# Configuring AirTel Live & Mobile Office on HTC Tilt 8925



## life.raghav (May 3, 2008)

Kindly help me in configuring my HTC Tilt 8925 for using AirTel Live and Mobile Office.

It is asking for the following details for setting up a manual connection:
1) Connection Name
2) Modem Type: (Cellular Line/Bluetooth/GPRS,3G/Hayes Compatibl on COM1)
3) Access Point Name
4) User Name, Password, Domain
5) In Advanced Settings:
TCP/IP -> Whether to use Server-assigned IP Address
              or Use Specific IP Address(if so to specify the IP Address)
Servers -> Whether to use server-assigned addresses
              or Specific Server address(is so to specify the DNS, Alt DNS, 
              WINS and Alt WINS)


I am an AirTel User in Andhra Pradesh.
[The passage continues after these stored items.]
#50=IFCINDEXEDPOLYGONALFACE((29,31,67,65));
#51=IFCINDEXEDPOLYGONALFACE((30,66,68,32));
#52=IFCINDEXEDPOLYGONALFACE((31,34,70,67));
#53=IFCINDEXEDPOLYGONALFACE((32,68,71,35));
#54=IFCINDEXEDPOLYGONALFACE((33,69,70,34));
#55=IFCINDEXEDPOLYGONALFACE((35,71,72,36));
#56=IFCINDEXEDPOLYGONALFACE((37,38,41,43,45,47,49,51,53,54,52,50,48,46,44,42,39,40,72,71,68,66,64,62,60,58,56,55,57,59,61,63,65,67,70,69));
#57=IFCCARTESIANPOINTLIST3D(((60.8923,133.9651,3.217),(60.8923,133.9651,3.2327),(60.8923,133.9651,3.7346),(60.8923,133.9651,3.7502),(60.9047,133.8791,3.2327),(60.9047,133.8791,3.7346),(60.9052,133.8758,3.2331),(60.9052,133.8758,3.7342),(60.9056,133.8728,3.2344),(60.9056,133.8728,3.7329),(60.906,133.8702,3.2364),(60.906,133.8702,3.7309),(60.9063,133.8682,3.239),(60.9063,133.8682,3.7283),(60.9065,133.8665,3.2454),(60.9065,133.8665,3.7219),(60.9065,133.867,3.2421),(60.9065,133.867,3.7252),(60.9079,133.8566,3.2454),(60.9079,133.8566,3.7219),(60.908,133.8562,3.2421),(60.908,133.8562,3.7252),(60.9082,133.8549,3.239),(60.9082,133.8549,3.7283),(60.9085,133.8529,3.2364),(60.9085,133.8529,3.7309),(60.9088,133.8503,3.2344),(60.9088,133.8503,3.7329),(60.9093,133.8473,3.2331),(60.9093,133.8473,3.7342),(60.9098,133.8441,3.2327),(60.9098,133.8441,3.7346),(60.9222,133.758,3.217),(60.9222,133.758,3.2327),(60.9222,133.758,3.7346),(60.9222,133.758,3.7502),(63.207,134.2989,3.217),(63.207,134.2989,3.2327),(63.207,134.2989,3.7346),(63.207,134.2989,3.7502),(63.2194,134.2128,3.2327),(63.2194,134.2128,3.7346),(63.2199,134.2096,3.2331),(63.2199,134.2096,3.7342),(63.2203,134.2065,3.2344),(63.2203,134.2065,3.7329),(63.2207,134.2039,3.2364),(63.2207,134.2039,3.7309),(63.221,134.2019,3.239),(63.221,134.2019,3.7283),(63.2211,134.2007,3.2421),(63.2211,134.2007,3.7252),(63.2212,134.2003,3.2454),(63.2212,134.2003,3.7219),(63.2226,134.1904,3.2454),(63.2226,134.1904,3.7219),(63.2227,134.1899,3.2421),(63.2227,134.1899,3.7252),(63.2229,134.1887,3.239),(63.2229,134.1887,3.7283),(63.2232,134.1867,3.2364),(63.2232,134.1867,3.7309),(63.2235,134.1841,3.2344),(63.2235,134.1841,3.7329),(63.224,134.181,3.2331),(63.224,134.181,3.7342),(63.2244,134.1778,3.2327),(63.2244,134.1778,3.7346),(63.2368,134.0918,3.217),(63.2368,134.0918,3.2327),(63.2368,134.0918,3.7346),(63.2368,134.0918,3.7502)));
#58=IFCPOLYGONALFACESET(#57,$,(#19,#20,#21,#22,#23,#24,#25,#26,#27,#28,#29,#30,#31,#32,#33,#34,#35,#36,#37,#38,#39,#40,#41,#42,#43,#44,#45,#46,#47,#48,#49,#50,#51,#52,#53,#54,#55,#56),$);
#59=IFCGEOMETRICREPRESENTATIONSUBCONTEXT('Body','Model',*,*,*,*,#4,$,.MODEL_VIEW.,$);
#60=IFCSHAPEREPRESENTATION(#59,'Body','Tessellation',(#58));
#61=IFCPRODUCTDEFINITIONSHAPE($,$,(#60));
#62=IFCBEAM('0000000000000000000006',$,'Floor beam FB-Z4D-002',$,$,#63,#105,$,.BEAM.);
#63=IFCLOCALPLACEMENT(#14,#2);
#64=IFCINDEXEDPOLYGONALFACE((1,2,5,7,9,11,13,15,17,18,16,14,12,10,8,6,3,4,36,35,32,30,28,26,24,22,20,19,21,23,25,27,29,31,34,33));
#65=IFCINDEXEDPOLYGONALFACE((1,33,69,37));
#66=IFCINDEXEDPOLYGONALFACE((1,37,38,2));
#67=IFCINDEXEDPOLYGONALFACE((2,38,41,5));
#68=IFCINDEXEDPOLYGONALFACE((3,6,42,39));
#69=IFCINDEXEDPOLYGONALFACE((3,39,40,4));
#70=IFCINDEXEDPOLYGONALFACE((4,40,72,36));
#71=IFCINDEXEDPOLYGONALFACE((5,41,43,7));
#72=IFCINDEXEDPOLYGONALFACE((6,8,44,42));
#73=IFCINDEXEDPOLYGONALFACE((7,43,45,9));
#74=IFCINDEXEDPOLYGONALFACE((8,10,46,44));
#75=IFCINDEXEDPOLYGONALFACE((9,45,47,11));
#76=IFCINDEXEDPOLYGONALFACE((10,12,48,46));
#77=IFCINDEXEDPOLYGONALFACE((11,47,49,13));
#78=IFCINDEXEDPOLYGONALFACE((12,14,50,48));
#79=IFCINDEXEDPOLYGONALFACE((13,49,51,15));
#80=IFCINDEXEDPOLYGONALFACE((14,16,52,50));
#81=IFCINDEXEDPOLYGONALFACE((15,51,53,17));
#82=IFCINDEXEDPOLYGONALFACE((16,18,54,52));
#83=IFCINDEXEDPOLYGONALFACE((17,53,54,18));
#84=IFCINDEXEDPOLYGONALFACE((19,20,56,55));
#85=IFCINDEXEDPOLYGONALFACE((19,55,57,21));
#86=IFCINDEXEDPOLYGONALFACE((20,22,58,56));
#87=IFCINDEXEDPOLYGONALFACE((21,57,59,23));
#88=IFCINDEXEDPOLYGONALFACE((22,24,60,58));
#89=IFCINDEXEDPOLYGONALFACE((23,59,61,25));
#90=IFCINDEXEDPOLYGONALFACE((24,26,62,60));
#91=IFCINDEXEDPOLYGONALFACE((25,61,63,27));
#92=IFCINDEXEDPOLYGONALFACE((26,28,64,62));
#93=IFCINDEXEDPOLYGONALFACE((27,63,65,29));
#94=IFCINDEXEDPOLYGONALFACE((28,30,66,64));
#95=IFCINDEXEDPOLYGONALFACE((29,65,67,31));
Please help me in the above.


----------



## Hitboxx (May 3, 2008)

_Moved to Mobile Monsters to help your thread deserve the attention it requires._


----------



## dhan_shh (May 3, 2008)

Airtel GPRS Settings for Windows Mobiles:


Enter the name of the connection-- MO

Select a modem--- Cellular Line (GPRS,3G)

Access point name-- airtelgprs.com

User name,password,Domain,Advanced --- All BLANK

FINISH..switch on & off 


Ready for Browsing...

Enjoy !


----------